The threat posed by Miasma and IronWorm maps directly to multiple CSA frameworks and working group outputs. CSA’s MAESTRO framework for agentic AI threat modeling provides a structured lens for understanding how AI coding assistants—which operate as agents with execution hooks, credential access, and the capacity to take automated actions—become attack vectors through supply chain compromise. The specific technique exploited by Miasma, injecting malicious SessionStart hooks and alwaysApply rules into AI tool configurations, is a concrete instantiation of trust boundary violations in agentic workflows that MAESTRO’s threat model addresses.

CSA’s AI Controls Matrix (AICM) addresses supply chain security controls for AI systems, including controls around tooling provenance, dependency integrity, and the management of credentials used by AI services. The AICM’s shared responsibility model is directly relevant here: securing AI API keys is a distributed responsibility spanning model providers (who should enforce short expiry and permission scoping), application providers (who should integrate with secrets management rather than flat credential files), and AI customers (who should apply the same credential hygiene to AI provider keys that they apply to cloud infrastructure credentials). Neither Miasma nor IronWorm required a vulnerability in the AI providers themselves; both exploited gaps in how those providers’ credentials are managed at the developer and CI layer.

CSA’s Software Transparency: Securing the Digital Supply Chain publication addresses the SBOM practices, CI/CD pipeline security controls, and open-source risk management disciplines that are directly implicated in the npm-based propagation mechanics of both campaigns. Its guidance on dependency verification and pipeline integrity is actionable against the preinstall hook attack patterns both worms rely upon.
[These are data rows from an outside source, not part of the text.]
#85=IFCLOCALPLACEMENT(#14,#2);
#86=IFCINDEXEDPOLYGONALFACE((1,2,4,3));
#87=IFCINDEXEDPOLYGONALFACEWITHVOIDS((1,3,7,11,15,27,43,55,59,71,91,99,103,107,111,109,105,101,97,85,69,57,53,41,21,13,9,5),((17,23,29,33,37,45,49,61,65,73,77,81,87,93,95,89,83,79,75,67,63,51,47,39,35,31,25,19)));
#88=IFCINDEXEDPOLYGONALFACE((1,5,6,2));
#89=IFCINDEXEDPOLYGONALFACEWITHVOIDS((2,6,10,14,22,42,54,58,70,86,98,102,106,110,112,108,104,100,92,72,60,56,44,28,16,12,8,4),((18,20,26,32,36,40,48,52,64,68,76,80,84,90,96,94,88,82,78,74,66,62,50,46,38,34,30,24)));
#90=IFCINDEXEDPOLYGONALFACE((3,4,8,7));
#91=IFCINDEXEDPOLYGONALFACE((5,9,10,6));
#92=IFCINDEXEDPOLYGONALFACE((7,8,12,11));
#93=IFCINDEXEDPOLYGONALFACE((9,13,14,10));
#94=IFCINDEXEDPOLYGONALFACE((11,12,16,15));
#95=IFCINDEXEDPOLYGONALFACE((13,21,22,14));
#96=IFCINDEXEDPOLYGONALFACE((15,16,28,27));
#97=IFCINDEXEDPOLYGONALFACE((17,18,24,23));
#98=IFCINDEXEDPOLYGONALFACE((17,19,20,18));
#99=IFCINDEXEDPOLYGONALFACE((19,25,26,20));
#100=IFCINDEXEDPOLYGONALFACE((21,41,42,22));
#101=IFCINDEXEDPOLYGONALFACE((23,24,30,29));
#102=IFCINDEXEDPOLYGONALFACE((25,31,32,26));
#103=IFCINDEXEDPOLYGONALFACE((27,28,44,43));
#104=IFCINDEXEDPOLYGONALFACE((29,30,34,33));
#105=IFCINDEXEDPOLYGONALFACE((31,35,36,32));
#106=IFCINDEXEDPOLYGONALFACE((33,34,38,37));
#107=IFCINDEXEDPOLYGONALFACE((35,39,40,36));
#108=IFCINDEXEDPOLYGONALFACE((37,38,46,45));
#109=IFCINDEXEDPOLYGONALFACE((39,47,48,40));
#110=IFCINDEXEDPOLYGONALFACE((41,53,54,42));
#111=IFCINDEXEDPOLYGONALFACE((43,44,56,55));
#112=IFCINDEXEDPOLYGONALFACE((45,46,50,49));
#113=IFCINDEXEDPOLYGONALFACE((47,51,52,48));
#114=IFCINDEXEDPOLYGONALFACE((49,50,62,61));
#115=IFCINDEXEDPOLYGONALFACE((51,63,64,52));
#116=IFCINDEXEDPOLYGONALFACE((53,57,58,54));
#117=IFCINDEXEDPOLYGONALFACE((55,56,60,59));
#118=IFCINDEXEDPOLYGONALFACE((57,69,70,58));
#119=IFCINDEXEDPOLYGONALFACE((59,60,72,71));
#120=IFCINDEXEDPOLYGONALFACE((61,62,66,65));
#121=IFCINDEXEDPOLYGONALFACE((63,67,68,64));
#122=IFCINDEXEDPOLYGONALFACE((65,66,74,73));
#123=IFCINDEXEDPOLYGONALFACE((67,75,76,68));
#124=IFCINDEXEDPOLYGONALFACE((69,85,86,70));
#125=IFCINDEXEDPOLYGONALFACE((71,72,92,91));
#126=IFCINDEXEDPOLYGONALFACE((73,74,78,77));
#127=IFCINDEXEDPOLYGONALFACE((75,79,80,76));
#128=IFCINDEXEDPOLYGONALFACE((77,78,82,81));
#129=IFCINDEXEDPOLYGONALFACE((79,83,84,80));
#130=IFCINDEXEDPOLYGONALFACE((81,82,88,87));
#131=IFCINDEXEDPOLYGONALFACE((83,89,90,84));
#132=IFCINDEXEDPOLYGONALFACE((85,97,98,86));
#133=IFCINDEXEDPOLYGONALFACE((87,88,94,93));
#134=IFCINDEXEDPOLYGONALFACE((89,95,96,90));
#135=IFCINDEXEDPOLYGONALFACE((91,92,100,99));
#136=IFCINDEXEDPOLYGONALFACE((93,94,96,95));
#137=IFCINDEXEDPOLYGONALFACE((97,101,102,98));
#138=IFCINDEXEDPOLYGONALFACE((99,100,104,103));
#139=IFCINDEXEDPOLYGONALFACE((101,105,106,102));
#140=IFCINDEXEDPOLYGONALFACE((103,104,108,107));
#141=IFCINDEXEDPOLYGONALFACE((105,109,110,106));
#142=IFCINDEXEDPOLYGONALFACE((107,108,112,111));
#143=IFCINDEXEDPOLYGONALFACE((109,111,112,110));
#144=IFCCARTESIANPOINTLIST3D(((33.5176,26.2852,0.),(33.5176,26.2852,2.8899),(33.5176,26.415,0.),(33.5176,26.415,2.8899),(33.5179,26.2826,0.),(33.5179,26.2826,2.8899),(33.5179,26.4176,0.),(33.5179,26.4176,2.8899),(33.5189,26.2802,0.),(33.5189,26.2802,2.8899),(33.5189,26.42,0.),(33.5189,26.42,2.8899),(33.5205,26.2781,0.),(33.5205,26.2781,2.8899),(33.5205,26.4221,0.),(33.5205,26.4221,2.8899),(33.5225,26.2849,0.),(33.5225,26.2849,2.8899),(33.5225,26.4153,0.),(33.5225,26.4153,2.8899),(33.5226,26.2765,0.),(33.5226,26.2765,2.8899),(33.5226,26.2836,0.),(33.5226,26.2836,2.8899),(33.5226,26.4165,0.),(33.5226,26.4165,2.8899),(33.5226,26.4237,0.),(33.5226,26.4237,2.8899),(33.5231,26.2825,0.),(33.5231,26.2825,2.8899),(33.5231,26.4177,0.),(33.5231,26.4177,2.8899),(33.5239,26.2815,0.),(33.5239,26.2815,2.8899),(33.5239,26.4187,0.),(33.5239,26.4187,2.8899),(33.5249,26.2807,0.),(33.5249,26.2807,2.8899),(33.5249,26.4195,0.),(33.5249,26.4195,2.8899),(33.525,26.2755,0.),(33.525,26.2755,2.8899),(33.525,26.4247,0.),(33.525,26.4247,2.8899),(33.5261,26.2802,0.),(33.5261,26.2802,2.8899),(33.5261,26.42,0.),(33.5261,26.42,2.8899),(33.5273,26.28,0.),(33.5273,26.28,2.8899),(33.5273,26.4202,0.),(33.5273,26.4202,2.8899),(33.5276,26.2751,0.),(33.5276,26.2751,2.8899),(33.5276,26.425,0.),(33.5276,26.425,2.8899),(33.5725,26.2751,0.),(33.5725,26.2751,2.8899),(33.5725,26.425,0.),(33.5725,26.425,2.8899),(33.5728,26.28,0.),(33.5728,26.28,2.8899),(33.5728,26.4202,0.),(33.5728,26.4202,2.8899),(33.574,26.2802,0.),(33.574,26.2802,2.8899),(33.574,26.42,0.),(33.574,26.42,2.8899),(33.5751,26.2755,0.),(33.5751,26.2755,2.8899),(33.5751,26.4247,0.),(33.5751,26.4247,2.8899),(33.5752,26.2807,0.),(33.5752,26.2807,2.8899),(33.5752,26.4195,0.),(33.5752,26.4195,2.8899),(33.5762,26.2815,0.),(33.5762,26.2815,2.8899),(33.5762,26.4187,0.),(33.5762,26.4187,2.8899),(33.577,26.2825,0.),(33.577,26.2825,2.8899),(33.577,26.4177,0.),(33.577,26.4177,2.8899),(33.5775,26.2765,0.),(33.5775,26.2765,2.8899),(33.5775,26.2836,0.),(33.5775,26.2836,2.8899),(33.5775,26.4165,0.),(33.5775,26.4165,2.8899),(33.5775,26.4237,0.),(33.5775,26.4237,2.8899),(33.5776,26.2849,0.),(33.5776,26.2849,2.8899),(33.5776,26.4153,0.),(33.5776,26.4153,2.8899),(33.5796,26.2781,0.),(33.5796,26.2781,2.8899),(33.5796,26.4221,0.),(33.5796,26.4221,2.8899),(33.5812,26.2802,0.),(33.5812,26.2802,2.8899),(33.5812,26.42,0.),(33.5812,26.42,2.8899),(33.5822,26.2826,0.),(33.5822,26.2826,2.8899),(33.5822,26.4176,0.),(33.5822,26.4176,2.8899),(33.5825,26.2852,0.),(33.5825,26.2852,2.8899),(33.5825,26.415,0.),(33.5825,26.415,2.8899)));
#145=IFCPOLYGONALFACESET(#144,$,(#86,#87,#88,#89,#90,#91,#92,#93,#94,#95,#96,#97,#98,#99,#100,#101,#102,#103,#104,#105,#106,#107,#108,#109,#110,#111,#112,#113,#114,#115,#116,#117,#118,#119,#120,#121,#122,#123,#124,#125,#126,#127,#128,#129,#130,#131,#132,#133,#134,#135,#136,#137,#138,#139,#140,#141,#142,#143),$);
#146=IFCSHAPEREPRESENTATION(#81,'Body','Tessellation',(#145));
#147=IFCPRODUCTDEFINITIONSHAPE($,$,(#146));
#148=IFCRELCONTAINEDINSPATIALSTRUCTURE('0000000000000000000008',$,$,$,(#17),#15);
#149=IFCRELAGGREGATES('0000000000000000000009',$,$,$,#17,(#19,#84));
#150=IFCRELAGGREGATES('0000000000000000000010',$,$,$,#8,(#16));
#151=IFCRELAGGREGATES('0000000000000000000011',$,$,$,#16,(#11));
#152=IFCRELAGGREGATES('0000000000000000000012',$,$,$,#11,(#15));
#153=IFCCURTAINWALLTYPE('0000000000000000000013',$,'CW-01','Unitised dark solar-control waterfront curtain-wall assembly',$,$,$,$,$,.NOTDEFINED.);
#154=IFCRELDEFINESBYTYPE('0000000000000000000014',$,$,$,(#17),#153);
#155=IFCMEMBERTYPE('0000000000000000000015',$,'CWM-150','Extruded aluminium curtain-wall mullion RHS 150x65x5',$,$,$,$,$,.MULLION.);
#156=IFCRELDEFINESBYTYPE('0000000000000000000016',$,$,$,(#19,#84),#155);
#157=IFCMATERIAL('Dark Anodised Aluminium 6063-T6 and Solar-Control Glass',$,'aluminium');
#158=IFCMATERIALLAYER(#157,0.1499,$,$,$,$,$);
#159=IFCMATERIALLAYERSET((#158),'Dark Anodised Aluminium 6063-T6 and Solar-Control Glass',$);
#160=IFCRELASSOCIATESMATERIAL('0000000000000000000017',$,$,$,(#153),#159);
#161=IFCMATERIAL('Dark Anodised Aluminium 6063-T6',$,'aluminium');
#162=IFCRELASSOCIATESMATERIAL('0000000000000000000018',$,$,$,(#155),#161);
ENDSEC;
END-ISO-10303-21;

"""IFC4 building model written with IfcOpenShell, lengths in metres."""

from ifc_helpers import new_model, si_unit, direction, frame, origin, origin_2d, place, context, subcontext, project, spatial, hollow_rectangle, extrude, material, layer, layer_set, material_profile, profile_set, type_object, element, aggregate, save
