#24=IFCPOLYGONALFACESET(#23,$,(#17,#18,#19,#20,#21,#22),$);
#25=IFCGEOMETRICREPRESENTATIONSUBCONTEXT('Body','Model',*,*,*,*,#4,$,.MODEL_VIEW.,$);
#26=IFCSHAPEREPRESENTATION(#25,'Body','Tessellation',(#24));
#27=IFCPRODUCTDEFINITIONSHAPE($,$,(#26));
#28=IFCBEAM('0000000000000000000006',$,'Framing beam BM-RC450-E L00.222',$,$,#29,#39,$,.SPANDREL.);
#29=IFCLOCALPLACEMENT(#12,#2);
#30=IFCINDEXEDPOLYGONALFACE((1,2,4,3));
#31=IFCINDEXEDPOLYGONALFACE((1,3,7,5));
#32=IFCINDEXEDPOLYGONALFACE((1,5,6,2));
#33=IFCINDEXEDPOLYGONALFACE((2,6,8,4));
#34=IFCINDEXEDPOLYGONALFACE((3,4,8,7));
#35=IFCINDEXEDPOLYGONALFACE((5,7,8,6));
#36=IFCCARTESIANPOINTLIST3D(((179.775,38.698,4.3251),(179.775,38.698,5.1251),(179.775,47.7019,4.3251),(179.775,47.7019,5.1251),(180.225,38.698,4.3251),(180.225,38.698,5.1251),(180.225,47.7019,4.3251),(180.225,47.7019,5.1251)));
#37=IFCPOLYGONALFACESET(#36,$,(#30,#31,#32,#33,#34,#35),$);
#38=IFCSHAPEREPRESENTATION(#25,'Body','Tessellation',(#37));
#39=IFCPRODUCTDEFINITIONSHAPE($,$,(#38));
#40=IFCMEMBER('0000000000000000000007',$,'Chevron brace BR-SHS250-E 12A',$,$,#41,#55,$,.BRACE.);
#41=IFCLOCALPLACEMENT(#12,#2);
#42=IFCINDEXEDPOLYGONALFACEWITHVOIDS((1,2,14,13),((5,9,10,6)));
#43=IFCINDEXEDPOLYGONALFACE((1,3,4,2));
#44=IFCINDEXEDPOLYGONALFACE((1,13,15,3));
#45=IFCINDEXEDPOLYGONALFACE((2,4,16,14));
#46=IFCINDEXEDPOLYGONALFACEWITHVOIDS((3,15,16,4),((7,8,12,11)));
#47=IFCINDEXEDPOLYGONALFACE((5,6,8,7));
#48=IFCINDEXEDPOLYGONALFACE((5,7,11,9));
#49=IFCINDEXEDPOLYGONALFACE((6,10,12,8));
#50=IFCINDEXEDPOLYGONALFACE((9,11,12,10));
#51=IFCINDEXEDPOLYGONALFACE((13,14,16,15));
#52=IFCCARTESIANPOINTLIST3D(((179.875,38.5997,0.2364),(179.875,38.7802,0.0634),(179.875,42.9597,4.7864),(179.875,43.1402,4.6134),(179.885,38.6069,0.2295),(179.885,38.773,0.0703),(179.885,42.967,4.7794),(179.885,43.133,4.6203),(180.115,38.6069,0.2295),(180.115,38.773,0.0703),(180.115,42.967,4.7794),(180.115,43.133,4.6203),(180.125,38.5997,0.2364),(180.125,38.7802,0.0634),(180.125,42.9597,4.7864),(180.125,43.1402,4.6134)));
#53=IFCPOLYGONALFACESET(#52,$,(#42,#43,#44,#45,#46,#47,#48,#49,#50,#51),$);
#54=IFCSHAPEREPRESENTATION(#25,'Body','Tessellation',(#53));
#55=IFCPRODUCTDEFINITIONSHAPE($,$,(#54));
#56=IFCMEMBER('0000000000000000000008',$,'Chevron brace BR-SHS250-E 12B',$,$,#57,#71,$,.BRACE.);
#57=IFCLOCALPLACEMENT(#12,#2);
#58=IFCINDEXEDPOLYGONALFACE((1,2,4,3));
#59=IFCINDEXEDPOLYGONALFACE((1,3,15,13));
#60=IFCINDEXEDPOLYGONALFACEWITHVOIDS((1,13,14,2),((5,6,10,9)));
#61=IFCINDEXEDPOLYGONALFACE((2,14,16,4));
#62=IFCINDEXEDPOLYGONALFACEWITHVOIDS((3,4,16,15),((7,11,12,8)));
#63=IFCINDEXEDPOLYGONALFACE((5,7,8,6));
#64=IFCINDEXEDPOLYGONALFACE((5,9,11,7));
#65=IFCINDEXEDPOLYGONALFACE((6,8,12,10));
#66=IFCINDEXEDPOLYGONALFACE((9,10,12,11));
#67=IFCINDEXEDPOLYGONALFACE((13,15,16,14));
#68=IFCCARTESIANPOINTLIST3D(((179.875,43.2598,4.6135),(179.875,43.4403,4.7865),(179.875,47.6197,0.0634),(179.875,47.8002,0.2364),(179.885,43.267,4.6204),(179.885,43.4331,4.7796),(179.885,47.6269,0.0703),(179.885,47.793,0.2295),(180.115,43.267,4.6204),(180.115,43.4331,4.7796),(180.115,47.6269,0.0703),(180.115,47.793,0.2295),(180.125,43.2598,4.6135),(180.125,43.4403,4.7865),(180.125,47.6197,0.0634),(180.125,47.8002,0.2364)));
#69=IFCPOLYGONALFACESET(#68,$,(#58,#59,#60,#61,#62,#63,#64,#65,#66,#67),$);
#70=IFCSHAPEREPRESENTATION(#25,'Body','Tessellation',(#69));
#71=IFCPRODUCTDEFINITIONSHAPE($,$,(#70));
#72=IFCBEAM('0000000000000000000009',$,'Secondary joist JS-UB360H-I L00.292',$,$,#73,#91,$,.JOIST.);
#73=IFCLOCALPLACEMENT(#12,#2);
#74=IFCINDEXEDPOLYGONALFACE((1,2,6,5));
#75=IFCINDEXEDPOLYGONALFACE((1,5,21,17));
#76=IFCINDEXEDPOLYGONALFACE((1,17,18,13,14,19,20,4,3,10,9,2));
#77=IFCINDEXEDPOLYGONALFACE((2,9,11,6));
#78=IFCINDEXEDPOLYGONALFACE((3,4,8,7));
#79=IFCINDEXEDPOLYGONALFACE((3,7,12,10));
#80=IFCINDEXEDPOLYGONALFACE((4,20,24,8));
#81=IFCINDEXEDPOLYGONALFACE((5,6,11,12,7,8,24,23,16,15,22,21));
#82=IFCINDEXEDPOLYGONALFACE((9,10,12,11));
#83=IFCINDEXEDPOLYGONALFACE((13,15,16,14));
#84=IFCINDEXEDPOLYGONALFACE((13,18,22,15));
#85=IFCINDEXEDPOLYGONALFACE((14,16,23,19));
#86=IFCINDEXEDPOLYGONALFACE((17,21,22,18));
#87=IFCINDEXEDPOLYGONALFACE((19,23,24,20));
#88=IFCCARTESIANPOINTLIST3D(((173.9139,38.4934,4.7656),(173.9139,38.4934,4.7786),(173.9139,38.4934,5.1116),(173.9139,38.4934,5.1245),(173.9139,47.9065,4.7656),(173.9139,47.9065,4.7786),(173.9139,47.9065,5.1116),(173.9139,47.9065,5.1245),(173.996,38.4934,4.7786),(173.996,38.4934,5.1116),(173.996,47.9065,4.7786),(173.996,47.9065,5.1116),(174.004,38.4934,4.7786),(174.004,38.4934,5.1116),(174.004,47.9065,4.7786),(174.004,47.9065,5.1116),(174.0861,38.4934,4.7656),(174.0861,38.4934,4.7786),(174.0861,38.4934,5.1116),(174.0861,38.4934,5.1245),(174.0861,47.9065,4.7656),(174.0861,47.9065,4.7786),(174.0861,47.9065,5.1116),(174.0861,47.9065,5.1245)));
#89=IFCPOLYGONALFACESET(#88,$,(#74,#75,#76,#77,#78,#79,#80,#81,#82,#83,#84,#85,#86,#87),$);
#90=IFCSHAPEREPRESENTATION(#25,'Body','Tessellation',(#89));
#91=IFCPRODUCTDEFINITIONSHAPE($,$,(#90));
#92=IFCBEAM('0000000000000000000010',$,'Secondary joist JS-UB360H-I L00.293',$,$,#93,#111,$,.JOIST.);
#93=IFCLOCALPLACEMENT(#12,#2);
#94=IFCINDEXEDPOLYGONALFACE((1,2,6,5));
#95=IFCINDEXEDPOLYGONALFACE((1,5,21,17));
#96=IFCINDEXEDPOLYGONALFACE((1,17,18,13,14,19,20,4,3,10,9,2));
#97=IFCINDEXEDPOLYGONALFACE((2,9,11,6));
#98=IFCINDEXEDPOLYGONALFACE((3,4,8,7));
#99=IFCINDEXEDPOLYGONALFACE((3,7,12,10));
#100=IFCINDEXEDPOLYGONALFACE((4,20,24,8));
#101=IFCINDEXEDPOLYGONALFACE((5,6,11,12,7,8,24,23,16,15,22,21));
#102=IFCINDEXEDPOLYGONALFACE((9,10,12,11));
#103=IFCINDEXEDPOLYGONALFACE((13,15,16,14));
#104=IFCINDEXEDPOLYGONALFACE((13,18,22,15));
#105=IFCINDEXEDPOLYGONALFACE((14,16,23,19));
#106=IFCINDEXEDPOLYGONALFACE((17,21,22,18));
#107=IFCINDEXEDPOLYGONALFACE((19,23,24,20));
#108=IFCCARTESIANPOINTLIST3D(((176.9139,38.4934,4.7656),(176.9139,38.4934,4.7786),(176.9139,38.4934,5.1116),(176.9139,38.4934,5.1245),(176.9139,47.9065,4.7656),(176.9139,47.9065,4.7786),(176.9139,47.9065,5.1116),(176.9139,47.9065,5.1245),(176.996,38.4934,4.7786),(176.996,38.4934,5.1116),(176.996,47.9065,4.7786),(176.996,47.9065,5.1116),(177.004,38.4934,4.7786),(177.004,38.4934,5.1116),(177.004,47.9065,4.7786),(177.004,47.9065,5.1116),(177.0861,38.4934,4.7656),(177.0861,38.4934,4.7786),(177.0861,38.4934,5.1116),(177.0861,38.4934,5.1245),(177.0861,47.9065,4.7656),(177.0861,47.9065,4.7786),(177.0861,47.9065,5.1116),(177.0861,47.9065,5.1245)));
CSA’s Zero Trust guidance is also relevant: the lateral movement enabled by Miasma and IronWorm—exploiting stolen GitHub write access and npm publish tokens to replicate across organizational boundaries—illustrates the risk of implicit trust in developer credential ecosystems that have not been segmented by least-privilege principles or subject to continuous verification.

References

[1] StepSecurity. “Miasma npm Supply Chain Attack: Self-Spreading Worm via Phantom Gyp.” StepSecurity Blog, June 2026.

[2] SafeDep. “Miasma Worm Targets AI Coding Agent Configurations.” SafeDep.io, June 2026.

[3] JFrog Security Research. “IronWorm: Shai-Hulud’s Rustier Cousin.” JFrog Research, June 2026.

[4] Phoenix Security. “IronWorm (No CVE): Rust-Built npm Worm Ships an eBPF Rootkit, Tor C2, and a Self-Propagating Supply Chain Implant Across 37 Packages.” Phoenix Security, June 2026.

[5] The Hacker News. “IronWorm and New Miasma Worm Variant Hit npm in Supply Chain Attacks.” The Hacker News, June 5, 2026.

[6] Rescana. “Miasma Worm Supply Chain Attack: 73 Microsoft GitHub Repositories Compromised via AI Coding Tools.” Rescana, June 2026.

[7] Bleeping Computer. “New IronWorm Malware Hits 36 Packages in npm Supply-Chain Attack.” Bleeping Computer, June 4, 2026.

[8] Dark Reading. “Rust-Written IronWorm Hits NPM Supply Chain.” Dark Reading, June 2026.